# side motor trawler " Boston Comanche " ex " Saint Louis "



## Pierre

Have you photographs or informations about the " Boston Comanche ", british built motor side trawler, bought in France, yearv 1965, where she was called " Saint Louis ", owned by " Pécheries de la Morinie ", a french subsidiary company of the trawling british company of Sir Parkes.

Thanks.


Pierre


----------



## trotterdotpom

'allo, 'allo, Pierre,

I remember 'Boston Commanche' in Grimsby in the late '60s.

The following information found on the Grimsby trawler website "Sidewinder" (http://embark.to/sidewinder): 

Trawler 'St Louis' built by Cook,Welton & Gemmell, Beverley, Yorkshire, 1959, 616 GRT, Length 179.8 feet, breadth 32.4 feet, engines Kloeckner Humboldt Deutz 1600 BHp, speed 1375 knots.

She was sold on 6/11/68 to Boston Deepsea Fisheries, renamed 'Boston Commanche' (GY144), Official No. 333954, and sailed from Grimsby, Lincolnshire. She would have fished at Iceland, Norwegian Coast and White Sea fishing grounds.

According to 'Sidewinder', there were two deaths on board including one man overboard.

On 17/3/79 (St Patrick's Day and, coincidentally, my birthday) she arrived at Medway Secondary Metals Ltd, Bloors Wharf, Rainham, Kent, to be broken up.

For interest, another 'Pecheries' trawler, 'St Luc', was sold to Boston Deepsea in 1970 and became 'Boston Boeing' (GY183). She was built in Poland in 1962 and scrapped in 1980.

Boston Deepsea Fisheries, founded by Sir Fred Parkes, operated from Grimsby, Hull, Fleetwood and Lowestoft. It is interesting to hear that the company had a French subsidiary - previously considered part of the competition! Which areas would the French ships have fished?

In Grimsby, Boston's were a highly regarded company. I did a trip on 'Broadwater' (later to become 'Boston Crusader') and got bacon and stuff for breakfast! In other firms, the bacon ran out after the first day.
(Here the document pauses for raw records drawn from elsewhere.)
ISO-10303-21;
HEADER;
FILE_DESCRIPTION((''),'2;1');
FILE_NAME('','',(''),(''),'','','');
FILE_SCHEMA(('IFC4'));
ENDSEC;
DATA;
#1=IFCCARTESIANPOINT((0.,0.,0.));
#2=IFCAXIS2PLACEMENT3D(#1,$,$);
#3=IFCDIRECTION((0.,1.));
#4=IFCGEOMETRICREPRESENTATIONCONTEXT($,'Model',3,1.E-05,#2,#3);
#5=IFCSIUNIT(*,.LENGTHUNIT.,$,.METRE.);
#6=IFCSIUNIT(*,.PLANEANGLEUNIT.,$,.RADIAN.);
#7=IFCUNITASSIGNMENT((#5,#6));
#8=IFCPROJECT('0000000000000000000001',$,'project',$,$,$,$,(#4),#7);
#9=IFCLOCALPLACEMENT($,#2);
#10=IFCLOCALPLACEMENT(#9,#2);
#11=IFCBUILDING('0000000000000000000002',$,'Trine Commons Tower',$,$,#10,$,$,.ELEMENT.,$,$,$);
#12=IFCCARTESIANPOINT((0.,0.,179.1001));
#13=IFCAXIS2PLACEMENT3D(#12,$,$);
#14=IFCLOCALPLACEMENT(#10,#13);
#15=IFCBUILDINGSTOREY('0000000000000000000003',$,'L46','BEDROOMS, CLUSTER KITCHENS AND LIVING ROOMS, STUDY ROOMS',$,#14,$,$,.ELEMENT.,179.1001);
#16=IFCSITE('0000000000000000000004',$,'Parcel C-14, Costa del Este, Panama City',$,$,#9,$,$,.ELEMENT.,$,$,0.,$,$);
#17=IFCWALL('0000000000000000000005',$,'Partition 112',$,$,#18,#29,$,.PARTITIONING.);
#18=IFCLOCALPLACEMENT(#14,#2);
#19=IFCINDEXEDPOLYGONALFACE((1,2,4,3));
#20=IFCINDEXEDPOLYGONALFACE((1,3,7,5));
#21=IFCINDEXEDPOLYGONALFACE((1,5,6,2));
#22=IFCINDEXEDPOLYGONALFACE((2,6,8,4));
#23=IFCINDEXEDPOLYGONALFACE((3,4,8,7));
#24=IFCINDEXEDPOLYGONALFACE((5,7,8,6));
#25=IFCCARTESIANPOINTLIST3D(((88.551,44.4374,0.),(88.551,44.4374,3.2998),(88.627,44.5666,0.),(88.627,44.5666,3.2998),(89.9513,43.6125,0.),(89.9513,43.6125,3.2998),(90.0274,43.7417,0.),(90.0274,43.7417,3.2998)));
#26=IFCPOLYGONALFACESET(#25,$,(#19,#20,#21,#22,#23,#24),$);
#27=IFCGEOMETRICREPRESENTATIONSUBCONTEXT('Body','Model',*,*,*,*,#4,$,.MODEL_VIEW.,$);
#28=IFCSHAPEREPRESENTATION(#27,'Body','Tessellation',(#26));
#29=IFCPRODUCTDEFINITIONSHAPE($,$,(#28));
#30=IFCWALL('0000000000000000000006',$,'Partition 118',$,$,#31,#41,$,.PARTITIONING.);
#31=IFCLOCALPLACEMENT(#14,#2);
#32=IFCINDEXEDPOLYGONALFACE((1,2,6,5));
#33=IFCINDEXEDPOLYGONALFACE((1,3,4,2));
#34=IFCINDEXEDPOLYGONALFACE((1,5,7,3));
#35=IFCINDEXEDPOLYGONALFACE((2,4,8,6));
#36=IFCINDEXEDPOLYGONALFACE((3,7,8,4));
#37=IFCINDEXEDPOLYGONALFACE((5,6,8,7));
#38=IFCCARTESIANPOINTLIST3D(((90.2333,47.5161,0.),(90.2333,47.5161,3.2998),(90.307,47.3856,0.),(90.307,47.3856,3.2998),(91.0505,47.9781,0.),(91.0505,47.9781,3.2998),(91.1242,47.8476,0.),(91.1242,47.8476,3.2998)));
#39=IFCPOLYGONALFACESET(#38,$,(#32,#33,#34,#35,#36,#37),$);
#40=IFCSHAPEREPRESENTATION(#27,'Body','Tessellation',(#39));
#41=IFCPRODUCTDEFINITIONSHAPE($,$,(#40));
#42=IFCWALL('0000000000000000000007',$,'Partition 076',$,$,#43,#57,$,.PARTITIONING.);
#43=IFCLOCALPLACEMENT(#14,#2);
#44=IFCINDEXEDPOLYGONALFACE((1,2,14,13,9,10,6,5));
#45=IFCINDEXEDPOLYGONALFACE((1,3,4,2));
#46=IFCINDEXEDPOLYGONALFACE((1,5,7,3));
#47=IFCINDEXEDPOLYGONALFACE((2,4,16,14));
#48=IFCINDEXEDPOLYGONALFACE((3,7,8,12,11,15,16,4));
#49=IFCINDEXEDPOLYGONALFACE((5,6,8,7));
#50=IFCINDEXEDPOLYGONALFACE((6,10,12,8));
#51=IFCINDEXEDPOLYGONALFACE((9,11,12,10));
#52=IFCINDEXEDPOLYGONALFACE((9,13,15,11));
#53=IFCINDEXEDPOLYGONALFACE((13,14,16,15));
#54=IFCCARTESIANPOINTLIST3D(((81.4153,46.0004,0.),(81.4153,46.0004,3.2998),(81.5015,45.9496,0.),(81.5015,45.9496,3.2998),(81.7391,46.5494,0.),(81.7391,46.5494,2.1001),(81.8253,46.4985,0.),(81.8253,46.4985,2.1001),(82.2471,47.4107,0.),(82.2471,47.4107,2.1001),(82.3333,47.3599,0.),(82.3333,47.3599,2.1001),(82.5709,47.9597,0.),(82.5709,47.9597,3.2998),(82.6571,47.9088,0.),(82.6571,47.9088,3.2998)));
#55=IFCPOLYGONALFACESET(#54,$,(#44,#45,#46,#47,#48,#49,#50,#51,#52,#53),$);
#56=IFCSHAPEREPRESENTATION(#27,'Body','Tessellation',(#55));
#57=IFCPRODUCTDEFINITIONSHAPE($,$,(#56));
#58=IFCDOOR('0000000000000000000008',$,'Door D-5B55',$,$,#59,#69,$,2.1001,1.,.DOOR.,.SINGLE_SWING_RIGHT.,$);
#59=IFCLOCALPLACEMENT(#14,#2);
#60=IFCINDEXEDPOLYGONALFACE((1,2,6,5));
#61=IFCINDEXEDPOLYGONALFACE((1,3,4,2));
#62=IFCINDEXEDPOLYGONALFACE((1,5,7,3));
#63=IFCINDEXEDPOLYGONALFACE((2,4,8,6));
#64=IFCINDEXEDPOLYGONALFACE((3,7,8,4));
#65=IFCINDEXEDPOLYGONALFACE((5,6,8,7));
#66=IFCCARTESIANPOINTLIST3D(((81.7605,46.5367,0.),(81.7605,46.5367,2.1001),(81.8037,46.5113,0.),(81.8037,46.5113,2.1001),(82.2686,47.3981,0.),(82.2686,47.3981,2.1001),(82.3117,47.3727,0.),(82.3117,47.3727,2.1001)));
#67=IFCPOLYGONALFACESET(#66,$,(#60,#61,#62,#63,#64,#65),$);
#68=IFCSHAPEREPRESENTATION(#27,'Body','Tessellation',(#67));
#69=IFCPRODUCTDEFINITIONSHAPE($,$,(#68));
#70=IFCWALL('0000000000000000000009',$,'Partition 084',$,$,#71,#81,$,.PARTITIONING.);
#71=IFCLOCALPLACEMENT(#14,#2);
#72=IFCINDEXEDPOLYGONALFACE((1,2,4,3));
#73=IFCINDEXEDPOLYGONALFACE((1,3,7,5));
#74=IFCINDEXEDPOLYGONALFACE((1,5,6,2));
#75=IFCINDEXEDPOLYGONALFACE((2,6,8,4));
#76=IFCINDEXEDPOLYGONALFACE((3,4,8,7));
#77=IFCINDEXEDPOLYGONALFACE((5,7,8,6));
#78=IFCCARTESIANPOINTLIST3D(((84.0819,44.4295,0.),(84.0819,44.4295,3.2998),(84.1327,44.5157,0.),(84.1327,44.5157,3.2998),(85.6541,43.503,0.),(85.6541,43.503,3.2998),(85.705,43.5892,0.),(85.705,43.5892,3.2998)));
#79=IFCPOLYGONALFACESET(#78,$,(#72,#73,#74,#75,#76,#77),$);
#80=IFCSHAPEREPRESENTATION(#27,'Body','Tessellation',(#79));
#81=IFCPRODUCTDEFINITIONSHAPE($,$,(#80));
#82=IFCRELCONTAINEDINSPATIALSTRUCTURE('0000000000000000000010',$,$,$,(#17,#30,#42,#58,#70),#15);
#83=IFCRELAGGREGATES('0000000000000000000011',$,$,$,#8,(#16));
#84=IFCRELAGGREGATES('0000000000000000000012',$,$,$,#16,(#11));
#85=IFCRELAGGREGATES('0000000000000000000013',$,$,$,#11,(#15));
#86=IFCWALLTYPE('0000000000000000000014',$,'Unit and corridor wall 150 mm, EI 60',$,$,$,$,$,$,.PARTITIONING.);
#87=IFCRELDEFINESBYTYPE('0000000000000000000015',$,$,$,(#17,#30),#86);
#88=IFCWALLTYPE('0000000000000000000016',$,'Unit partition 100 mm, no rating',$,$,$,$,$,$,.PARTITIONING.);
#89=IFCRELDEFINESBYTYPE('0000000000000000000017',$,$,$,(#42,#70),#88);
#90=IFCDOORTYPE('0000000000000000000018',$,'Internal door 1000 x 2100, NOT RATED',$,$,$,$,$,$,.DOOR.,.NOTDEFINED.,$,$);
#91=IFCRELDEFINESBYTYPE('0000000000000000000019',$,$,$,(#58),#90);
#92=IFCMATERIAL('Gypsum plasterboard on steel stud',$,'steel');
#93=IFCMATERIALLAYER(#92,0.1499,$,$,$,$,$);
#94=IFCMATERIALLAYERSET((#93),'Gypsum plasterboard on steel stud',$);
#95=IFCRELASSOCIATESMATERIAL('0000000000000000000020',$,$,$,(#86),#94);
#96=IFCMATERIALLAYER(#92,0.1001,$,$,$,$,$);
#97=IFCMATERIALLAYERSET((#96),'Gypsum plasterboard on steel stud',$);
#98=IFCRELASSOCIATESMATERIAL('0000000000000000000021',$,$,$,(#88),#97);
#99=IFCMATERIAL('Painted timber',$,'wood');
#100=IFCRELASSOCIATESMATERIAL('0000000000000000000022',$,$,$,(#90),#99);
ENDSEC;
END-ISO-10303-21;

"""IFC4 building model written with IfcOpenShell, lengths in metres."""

from ifc_helpers import new_model, si_unit, direction, frame, frame_2d, origin, place, context, subcontext, project, spatial, rectangle, extrude, material, layer, layer_set, type_object, element, fill, save


model = new_model("IFC4")

# Units and contexts
model_context = context("Model", 3, precision=1e-05, world=origin(), true_north=direction((0.0, 1.0)))
body_context = subcontext(model_context, "Body", "Model", "MODEL_VIEW")
ifc_project = project(units=[si_unit("LENGTHUNIT", "METRE"), si_unit("PLANEANGLEUNIT", "RADIAN")], contexts=[model_context])

# Site, building, storey
site_placement = place(None, origin())
site = spatial("IfcSite", under=ifc_project, at=site_placement, Name="Parcel C-14, Costa del Este, Panama City", CompositionType="ELEMENT", RefElevation=0.0)
building_placement = place(site_placement, origin())
building = spatial("IfcBuilding", under=site, at=building_placement, Name="Trine Commons Tower", CompositionType="ELEMENT")
storey_placement = place(building_placement, frame((0.0, 0.0, 179.1001)))
storey = spatial("IfcBuildingStorey", under=building, at=storey_placement, Name="L46", Description="BEDROOMS, CLUSTER KITCHENS AND LIVING ROOMS, STUDY ROOMS", CompositionType="ELEMENT", Elevation=179.1001)

# Shared definitions
ifc_material_1 = material(Name="Gypsum plasterboard on steel stud", Category="steel")
ifc_layer_1 = layer(ifc_material_1, 0.1499)
ifc_layer_set_1 = layer_set([ifc_layer_1], Name="Gypsum plasterboard on steel stud")
wall_type_1 = type_object("IfcWallType", Name="Unit and corridor wall 150 mm, EI 60", PredefinedType="PARTITIONING", material=ifc_layer_set_1)

# Walls
wall_1_placement = place(storey_placement, frame((88.5891, 44.502, 0.0), z_axis=(0.0, 0.0, 1.0), x_axis=(0.861614, -0.507565, 0.0)))
element("IfcWall", 1, at=wall_1_placement, inside=storey, type_object=wall_type_1, Name="Partition 112", PredefinedType="PARTITIONING", context=body_context, shape_type="SweptSolid", body=[
    extrude(rectangle(XDim=1.6252, YDim=0.1499, at=frame_2d((0.8125, 0.0))), origin(), (0.0, 0.0, 1.0), 3.2998),
])
wall_2_placement = place(storey_placement, frame((90.2703, 47.4509, 0.0), z_axis=(0.0, 0.0, 1.0), x_axis=(0.870539, 0.4921, 0.0)))
element("IfcWall", 2, at=wall_2_placement, inside=storey, type_object=wall_type_1, Name="Partition 118", PredefinedType="PARTITIONING", context=body_context, shape_type="SweptSolid", body=[
    extrude(rectangle(XDim=0.9387, YDim=0.1499, at=frame_2d((0.4692, 0.0))), origin(), (0.0, 0.0, 1.0), 3.2998),
])

# Wall, opening, door
ifc_layer_2 = layer(ifc_material_1, 0.1001)
ifc_layer_set_2 = layer_set([ifc_layer_2], Name="Gypsum plasterboard on steel stud")
wall_type_2 = type_object("IfcWallType", Name="Unit partition 100 mm, no rating", PredefinedType="PARTITIONING", material=ifc_layer_set_2)
wall_3_placement = place(storey_placement, frame((81.4585, 45.9751, 0.0), z_axis=(0.0, 0.0, 1.0), x_axis=(0.50801, 0.861351, 0.0)))
wall_3 = element("IfcWall", 3, at=wall_3_placement, inside=storey, type_object=wall_type_2, Name="Partition 076", PredefinedType="PARTITIONING", context=body_context, shape_type="SweptSolid", body=[
    extrude(rectangle(XDim=2.2747, YDim=0.1001, at=frame_2d((1.1372, 0.0))), origin(), (0.0, 0.0, 1.0), 3.2998),
])
opening_1_placement = place(wall_3_placement, frame((0.6372, 0.0, 0.0)))
opening_1 = element("IfcOpeningElement", 4, at=opening_1_placement, cuts=wall_3, PredefinedType="OPENING", context=body_context, shape_type="SweptSolid", body=[
    extrude(rectangle(XDim=1.0, YDim=2.1001, at=frame_2d((0.5, 1.05))), frame((0.0, 0.0601, 0.0), z_axis=(0.0, -1.0, 0.0), x_axis=(1.0, 0.0, 0.0)), (0.0, 0.0, 1.0), 0.1201),
])
ifc_material_2 = material(Name="Painted timber", Category="wood")
door_type_1 = type_object("IfcDoorType", Name="Internal door 1000 x 2100, NOT RATED", OperationType="NOTDEFINED", PredefinedType="DOOR", material=ifc_material_2)
door_1_placement = place(opening_1_placement, frame((1.0, 0.0, 0.0), z_axis=(0.0, 0.0, 1.0), x_axis=(-1.0, 0.0, 0.0)))
door_1 = element("IfcDoor", 5, at=door_1_placement, inside=storey, type_object=door_type_1, Name="Door D-5B55", OperationType="SINGLE_SWING_RIGHT", OverallHeight=2.1001, OverallWidth=1.0, PredefinedType="DOOR", context=body_context, shape_type="SweptSolid", body=[
    extrude(rectangle(XDim=1.0, YDim=2.1001, at=frame_2d((0.5, 1.05))), frame((0.0, 0.0249, 0.0), z_axis=(0.0, -1.0, 0.0), x_axis=(1.0, 0.0, 0.0)), (0.0, 0.0, 1.0), 0.05),
])
fill(opening_1, door_1)

# Wall
wall_4_placement = place(storey_placement, frame((84.1072, 44.4727, 0.0), z_axis=(0.0, 0.0, 1.0), x_axis=(0.861538, -0.507692, 0.0)))
element("IfcWall", 6, at=wall_4_placement, inside=storey, type_object=wall_type_2, Name="Partition 084", PredefinedType="PARTITIONING", context=body_context, shape_type="SweptSolid", body=[
    extrude(rectangle(XDim=1.825, YDim=0.1001, at=frame_2d((0.9126, 0.0))), origin(), (0.0, 0.0, 1.0), 3.2998),
])

save(model, "model.ifc")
I recall reading something by a famous French wit stating that the English were peculiar because they eat fish for breakfast, well, in that respect we were well looked after. Mind you, there's nothing like starting off with a brace of kippers, the all day breakfast!

A couple of other sites you may be interested in: The Bosuns Watch (Fleetwood) and Arctic Corsair (Hull).

John T.


----------



## Pierre

Hello friend,


Thanks for your answer and please apologize my low level in english language.

Sir Parkes was well known in Boulogne and he was known as liking the pretty women of Boulogne. I know he started in the life as a clerk in a trawling company and succeeded to the owner and built a great fishing company.

I knew the President of the " Pêcheries de la Morinie ", Mr Jacques Huret, in the 60's. He drove her white Jaguar MK with overdrive very fastly and became President of all the french trawler's owners.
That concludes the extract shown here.